In Vitro Reconstitution of Ribosomal Subunits

In a typical experiment, 10 µg of 40 S ribosomal proteins in 0.2 ml of 6 M urea were mixed with 4 µg of 3H-labeled 19 S RNA or 14C-labeled 17 S RNA in 0.1 ml of TE buffer and 20 µg of 60 S ribosomal proteins in 0.4 ml of 6 M urea were mixed with 8 µg of 3H-labeled 5, 5.8, and 28 S RNAs or 14C-labeled 5, 5.8, and 26 S RNAs in 0.2 ml of TE buffer. The RNA and protein mixtures were dialyzed at 23 °C for 12 h against a buffer containing 20 mM Tris-HCl, pH 7.3, 0.5 M NH4Cl, 20 mM MgCl2, 10 mM beta -mercaptoethanol.

Preparation of Nuclear Lysate

Growing cells were washed twice in Sorensen buffer and lysed in buffer A. The lysate was spun in an Eppendorf microcentrifuge at top speed for 20 s to remove cell debris and then for 5 min to pellet nuclei. The nuclei were lysed by resuspension in TE buffer and centrifuged in a 55 Ti rotor in a TL Beckman ultracentrifuge at 250,000 × g for 2 h to discard any particle the size of ribosomal subunits or larger. When nuclear lysate was added to ribosomal subunit reconstitution mixtures, the amount of nuclear lysate and the amount of rRNA utilized were derived from a comparable number of cells.

Preparation of a Cell-free System for Protein Synthesis

Cells were lysed in buffer A. The lysate was spun in an Eppendorf microcentrifuge at top speed for 10 min to pellet microsomes and lysosomes. The supernatant was centrifuged in a 55 Ti rotor in a TL Beckman ultracentrifuge at 250,000 × g for 5 h to pellet all ribosomal particles. The supernatant (S55) was dialyzed for 3 h against buffer A not containing sucrose and Tergitol. S55 represented the source of all factors required for protein synthesis except ribosomes and mRNA.
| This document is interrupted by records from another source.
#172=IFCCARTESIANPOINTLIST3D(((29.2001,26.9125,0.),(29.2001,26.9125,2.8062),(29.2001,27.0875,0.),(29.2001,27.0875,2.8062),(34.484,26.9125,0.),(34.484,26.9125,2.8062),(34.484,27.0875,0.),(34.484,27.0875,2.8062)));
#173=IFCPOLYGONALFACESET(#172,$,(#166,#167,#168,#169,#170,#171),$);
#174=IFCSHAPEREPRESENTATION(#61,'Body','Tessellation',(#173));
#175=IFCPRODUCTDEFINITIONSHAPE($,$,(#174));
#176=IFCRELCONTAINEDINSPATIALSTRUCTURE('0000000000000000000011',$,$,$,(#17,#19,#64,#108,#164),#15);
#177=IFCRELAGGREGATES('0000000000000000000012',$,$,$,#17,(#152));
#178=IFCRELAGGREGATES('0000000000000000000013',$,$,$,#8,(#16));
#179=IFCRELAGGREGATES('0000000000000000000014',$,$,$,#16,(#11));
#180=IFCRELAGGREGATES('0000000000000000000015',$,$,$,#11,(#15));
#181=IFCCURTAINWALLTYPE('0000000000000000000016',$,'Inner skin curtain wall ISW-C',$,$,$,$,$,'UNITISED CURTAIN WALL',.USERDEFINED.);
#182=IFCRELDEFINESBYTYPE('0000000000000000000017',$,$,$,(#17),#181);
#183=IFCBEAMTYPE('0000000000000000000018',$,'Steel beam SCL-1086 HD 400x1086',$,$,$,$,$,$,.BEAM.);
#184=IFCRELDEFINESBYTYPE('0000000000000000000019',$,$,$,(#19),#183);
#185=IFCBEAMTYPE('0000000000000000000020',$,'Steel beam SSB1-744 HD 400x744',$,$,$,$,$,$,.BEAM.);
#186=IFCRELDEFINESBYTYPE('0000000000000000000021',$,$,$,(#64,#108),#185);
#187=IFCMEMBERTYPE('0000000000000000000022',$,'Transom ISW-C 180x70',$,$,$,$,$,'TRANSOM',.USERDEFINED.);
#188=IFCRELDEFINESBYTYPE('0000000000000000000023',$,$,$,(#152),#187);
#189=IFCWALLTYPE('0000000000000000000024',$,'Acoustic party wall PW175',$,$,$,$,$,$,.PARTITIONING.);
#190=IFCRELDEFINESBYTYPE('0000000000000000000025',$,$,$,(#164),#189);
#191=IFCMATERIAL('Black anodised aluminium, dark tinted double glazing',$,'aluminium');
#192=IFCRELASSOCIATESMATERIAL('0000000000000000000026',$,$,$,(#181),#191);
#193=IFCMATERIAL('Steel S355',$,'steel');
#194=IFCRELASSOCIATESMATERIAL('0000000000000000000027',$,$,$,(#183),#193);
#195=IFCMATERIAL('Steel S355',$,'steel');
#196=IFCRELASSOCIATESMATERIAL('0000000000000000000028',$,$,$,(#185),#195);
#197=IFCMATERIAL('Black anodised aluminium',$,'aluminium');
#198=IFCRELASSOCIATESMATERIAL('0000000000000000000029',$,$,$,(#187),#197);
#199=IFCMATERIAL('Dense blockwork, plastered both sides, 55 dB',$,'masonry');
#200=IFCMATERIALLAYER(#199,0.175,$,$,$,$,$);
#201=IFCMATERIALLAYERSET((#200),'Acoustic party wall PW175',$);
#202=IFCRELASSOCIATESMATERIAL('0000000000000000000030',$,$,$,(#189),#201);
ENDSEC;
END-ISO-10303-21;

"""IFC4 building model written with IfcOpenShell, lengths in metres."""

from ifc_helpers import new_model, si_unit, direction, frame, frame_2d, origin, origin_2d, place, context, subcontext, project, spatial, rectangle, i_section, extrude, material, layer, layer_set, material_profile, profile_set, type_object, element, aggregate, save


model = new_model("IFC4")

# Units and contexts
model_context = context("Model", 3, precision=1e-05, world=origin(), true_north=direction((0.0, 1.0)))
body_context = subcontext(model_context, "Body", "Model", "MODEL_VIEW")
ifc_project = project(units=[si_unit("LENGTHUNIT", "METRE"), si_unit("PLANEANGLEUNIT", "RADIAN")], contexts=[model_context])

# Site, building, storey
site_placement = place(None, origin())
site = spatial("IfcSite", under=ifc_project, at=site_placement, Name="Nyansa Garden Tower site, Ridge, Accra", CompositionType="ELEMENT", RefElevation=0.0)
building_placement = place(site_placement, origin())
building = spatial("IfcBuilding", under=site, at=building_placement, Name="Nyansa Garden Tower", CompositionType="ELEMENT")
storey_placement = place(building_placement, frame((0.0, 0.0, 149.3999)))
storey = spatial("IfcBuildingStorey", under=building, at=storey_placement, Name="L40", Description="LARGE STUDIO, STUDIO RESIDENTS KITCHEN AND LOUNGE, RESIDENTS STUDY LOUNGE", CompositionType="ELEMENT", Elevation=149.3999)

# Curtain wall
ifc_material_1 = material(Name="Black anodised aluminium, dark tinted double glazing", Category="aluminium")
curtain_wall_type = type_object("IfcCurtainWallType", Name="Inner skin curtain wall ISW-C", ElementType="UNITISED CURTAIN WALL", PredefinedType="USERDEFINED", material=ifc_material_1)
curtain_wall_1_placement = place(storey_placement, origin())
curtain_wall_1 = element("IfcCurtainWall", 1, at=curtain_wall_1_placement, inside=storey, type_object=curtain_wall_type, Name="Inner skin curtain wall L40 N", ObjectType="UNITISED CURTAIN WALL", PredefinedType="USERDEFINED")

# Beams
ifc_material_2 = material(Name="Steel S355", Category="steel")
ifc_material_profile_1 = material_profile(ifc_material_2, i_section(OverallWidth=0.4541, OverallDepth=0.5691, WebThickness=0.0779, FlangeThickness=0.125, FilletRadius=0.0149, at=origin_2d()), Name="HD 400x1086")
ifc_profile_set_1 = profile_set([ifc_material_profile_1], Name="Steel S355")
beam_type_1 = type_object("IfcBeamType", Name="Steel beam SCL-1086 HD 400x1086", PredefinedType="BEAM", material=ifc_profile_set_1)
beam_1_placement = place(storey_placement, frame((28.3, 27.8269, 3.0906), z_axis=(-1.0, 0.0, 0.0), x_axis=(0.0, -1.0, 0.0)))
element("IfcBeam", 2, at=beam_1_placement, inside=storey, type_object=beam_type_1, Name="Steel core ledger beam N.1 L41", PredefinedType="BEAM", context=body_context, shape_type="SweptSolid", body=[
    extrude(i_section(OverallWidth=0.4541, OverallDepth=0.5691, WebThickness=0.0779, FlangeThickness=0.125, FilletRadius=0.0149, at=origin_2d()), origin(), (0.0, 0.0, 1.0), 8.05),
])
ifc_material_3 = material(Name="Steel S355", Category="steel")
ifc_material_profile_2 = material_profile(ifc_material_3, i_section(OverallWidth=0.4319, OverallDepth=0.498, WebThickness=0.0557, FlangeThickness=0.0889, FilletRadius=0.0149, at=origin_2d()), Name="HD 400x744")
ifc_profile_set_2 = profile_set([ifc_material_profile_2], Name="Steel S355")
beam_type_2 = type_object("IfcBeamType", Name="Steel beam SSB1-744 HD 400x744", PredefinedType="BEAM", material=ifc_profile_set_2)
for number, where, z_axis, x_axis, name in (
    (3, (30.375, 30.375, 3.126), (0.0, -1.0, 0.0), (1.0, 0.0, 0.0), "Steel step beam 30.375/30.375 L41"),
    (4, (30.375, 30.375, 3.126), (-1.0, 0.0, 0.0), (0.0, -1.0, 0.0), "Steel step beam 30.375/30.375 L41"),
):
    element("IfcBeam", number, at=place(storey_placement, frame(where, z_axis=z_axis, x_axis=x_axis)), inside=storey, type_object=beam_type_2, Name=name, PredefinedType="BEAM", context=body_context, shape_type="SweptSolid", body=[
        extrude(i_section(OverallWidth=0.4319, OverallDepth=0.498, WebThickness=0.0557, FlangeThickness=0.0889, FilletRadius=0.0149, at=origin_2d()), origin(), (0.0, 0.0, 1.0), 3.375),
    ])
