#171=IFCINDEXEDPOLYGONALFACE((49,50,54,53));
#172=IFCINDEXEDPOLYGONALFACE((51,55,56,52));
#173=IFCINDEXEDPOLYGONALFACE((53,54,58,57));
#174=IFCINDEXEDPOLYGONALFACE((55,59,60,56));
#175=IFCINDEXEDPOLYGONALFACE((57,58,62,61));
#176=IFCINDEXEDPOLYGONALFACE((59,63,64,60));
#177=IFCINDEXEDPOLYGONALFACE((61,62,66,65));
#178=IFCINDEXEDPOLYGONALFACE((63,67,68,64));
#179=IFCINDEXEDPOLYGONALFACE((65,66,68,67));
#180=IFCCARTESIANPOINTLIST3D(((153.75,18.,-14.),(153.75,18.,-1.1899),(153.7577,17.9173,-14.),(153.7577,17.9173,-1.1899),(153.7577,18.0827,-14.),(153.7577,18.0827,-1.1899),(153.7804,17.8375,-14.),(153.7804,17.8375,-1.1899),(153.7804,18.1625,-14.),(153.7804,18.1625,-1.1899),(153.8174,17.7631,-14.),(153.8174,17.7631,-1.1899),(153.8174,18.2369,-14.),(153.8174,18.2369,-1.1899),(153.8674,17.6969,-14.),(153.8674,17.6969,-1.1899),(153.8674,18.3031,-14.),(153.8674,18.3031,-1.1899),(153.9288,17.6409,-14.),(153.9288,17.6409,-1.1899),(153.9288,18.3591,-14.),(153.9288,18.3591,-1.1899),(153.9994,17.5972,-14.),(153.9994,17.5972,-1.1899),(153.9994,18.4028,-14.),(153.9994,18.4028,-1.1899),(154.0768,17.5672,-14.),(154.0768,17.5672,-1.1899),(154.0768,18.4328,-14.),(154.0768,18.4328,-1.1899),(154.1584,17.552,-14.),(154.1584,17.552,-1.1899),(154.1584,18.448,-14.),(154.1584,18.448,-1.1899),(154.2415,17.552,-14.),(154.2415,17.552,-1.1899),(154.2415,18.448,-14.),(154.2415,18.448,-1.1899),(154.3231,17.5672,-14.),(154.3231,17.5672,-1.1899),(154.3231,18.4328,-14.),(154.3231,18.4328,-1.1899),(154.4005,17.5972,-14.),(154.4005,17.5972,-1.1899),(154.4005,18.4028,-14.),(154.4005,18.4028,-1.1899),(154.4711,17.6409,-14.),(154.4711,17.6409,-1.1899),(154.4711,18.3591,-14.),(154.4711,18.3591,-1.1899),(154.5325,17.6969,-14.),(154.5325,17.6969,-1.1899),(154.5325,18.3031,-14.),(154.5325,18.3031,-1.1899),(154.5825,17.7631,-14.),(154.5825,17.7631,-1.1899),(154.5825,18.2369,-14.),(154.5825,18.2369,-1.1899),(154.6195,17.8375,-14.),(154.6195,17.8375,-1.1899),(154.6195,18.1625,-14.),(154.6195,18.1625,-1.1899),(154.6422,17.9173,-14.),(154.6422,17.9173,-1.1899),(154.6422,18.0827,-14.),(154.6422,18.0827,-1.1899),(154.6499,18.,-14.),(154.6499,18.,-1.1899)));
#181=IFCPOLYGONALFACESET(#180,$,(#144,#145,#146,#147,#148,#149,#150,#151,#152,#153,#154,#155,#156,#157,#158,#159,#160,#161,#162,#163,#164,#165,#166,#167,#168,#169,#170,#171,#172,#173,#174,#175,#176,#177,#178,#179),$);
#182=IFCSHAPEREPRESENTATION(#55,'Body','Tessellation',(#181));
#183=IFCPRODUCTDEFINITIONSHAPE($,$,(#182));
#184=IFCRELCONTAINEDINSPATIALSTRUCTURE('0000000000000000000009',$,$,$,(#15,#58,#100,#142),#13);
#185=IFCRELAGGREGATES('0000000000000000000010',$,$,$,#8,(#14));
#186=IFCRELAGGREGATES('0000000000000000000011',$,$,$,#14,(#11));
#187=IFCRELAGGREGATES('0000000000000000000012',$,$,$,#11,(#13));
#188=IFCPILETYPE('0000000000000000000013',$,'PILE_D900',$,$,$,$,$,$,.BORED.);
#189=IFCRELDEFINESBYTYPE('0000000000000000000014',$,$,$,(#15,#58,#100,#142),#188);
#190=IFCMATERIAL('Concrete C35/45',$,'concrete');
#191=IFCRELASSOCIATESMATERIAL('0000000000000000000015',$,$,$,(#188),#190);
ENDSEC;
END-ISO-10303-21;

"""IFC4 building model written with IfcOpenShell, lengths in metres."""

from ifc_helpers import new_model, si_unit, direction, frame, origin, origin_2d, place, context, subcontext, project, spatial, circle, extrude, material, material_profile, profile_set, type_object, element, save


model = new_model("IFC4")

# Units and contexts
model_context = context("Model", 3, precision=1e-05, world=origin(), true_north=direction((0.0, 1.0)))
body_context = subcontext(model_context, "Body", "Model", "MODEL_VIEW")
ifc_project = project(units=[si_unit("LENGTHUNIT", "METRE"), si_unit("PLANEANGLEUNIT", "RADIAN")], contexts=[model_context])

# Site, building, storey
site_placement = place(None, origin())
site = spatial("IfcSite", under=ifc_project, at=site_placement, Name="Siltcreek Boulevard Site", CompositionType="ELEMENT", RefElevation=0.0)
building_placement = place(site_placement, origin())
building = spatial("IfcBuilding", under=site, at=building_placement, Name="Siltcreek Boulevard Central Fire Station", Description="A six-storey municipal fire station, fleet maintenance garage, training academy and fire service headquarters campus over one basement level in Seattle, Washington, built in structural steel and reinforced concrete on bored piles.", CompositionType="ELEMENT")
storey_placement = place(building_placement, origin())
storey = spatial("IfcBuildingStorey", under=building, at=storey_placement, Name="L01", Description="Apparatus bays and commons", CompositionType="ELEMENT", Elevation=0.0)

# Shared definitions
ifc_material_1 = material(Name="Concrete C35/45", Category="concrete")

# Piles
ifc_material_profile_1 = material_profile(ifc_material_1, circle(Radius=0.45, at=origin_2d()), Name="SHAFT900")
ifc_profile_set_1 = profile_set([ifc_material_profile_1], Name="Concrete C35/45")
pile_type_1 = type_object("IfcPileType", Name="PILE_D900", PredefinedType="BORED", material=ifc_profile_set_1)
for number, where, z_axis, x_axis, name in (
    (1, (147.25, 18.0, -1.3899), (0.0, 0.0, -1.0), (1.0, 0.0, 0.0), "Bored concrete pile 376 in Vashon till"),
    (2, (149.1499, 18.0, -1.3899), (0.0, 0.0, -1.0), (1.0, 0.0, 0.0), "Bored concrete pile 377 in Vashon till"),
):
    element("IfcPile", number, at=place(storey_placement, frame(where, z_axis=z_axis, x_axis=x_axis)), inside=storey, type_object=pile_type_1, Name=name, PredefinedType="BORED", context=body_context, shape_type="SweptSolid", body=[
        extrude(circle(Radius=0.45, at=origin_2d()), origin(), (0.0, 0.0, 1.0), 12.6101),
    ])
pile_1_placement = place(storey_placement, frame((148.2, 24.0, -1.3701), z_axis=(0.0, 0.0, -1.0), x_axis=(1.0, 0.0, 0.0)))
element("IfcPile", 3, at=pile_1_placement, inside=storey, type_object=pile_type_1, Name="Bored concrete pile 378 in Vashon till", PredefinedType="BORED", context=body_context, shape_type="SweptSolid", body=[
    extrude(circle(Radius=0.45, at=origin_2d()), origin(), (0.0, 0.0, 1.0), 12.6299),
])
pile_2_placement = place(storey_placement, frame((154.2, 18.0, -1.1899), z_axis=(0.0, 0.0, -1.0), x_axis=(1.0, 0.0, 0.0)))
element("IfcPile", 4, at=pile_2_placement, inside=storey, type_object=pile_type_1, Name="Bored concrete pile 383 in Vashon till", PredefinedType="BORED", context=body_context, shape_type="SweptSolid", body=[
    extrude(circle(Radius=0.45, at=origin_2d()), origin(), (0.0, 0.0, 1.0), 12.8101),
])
Amino Acid Incorporation System

Protein synthesis was measured at 23 °C for 15 min in a total reaction volume of 100 µl containing 10 µg of S55 proteins in the presence of the following components: 20 mM HEPES/KOH, pH 7.5, 100 mM potassium acetate, 15 mM magnesium acetate, 2 mM dithiothreitol, 0.5 mM spermidine, 2 mM ATP, 0.5 mM GTP, 20 mM creatine phosphate, 3 µg of creatine phophokinase, 250 mM each of 19 amino acids (excluding methionine), 200 µg of Dictyostelium tRNA, 20 µCi of [35S]methionine. Poly(A)+ RNA, prepared as described by Mangiarotti et al. (19), was added in the amount of 10 µg. The composition of the system was such that the rate of incorporation of [35S]methionine over the 15-min period of incubation increased linearly with the amount of native ribosomes added to the reaction mixture. The linearity was checked up to 40 µg of ribosomes/100 µl. Since we used much lower amounts of ribosomes in the experiment described in Table I, the data reported should reflect exclusively the functional capacity of the tested ribosomes without the interference of any other limiting factor.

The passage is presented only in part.